What this means for open problems

Bloom compared the result to the unit distance conjecture, which OpenAI also recently solved. Both were major open problems "that turned out to be much easier than expected no big new theories were required, and one can imagine many alternate histories when these proofs were found decades ago," he wrote.

He expects AI systems to crack more conjectures like this, "those whose solutions require only existing, well-developed, theory, plus a lot of patience and belief." But according to Bloom, "this is likely only a small proportion of open problems, and we don't know in advance which they are."

"But in this strange new world where big AI companies are spending a lot of time and money attacking many open problems at once (and only reporting the successes, of course), we will soon find out more of what was within our reach all along," he wrote.

How the prompt drove the solution

Part of the solution lies in the prompt written by humans. It engineers exactly the kind of persistence Bloom described as key to finding the proof. First, the prompt tells the model to assume a complete proof exists, cutting off its most likely honest answer that the conjecture is open. Then it bans the model from searching the internet to check whether the conjecture has already been solved and from answering that the conjecture is unsolved. The model has nowhere to go except solving the problem.
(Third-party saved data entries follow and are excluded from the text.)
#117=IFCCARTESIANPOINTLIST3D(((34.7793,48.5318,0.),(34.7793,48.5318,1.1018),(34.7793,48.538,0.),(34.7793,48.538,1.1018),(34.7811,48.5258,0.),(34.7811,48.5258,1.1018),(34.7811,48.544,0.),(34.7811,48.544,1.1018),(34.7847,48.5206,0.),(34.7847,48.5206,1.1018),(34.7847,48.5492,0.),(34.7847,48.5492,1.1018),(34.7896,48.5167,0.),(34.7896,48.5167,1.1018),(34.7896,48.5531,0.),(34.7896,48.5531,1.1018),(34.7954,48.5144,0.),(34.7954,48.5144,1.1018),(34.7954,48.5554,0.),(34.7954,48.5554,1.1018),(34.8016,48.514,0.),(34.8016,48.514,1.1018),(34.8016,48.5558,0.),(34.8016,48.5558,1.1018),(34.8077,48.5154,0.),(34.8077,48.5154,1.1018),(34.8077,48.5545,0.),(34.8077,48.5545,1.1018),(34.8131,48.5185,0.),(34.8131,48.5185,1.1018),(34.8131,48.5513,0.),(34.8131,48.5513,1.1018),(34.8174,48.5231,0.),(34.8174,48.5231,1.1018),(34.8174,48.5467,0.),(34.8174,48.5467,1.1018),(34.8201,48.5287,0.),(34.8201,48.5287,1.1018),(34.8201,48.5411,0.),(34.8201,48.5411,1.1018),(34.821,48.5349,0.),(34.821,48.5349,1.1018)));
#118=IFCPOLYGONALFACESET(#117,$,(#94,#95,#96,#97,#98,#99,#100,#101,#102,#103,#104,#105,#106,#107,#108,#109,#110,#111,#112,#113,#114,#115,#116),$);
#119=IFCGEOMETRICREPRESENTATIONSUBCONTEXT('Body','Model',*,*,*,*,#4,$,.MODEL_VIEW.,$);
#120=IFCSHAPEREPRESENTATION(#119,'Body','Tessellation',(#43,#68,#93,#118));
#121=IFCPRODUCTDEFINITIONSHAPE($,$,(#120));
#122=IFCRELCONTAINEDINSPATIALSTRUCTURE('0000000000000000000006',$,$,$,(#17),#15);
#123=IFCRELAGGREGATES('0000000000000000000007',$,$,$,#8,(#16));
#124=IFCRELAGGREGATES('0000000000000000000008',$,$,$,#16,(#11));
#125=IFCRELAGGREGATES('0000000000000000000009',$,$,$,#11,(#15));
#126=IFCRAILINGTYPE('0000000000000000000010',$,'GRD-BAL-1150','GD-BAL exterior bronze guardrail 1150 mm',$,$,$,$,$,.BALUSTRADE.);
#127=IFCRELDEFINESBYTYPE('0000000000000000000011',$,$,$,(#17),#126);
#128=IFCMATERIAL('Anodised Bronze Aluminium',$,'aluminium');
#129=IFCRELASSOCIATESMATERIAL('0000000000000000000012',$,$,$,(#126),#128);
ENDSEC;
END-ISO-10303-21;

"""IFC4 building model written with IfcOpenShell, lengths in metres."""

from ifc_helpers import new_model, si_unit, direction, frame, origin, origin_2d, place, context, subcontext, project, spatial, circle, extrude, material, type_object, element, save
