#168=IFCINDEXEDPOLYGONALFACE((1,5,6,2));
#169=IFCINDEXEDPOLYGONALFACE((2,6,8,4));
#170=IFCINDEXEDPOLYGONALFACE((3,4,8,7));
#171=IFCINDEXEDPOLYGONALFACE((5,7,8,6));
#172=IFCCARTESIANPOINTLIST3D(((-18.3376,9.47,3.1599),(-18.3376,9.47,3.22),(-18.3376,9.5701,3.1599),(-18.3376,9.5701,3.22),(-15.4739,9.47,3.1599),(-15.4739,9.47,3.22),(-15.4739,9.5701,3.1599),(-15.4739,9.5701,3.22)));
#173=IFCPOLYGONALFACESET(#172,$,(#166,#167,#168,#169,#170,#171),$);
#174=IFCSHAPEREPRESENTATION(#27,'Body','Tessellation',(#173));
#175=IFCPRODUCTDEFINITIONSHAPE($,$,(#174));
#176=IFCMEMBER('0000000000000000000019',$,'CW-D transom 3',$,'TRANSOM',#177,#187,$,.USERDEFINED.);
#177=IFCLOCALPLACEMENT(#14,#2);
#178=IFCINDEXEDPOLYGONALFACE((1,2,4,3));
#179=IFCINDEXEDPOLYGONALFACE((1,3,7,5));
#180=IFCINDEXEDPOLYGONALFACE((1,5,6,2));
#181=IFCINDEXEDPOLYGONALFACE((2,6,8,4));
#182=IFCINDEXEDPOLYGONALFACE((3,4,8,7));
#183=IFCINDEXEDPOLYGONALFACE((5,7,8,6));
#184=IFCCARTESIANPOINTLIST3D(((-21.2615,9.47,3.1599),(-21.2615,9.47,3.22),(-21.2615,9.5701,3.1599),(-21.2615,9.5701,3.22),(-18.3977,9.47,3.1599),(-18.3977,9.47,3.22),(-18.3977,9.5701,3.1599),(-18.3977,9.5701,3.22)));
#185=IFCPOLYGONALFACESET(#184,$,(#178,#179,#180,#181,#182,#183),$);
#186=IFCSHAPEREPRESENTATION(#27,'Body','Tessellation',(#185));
Verification is just as strict. Partial results, reductions to other unproven conjectures, summaries of the current state of research, and explanations of why the problem is hard were all rejected as insufficient. The model cannot respond until a complete proof is ready and passes an adversarial test.

The rest of the prompt reads more like directives from a research lab than a typical AI prompt. Most of the 64 agents are deliberately kept in the dark about which approach currently looks most promising to encourage independent thinking. Adversarial agents then check each candidate proof against a detailed list of typical errors, looking for things like closed paths incorrectly identified as cycles or reductions that accidentally create new bridges in the graph.

The model was told to compute for at least eight hours before it could even consider giving up. It finished in one.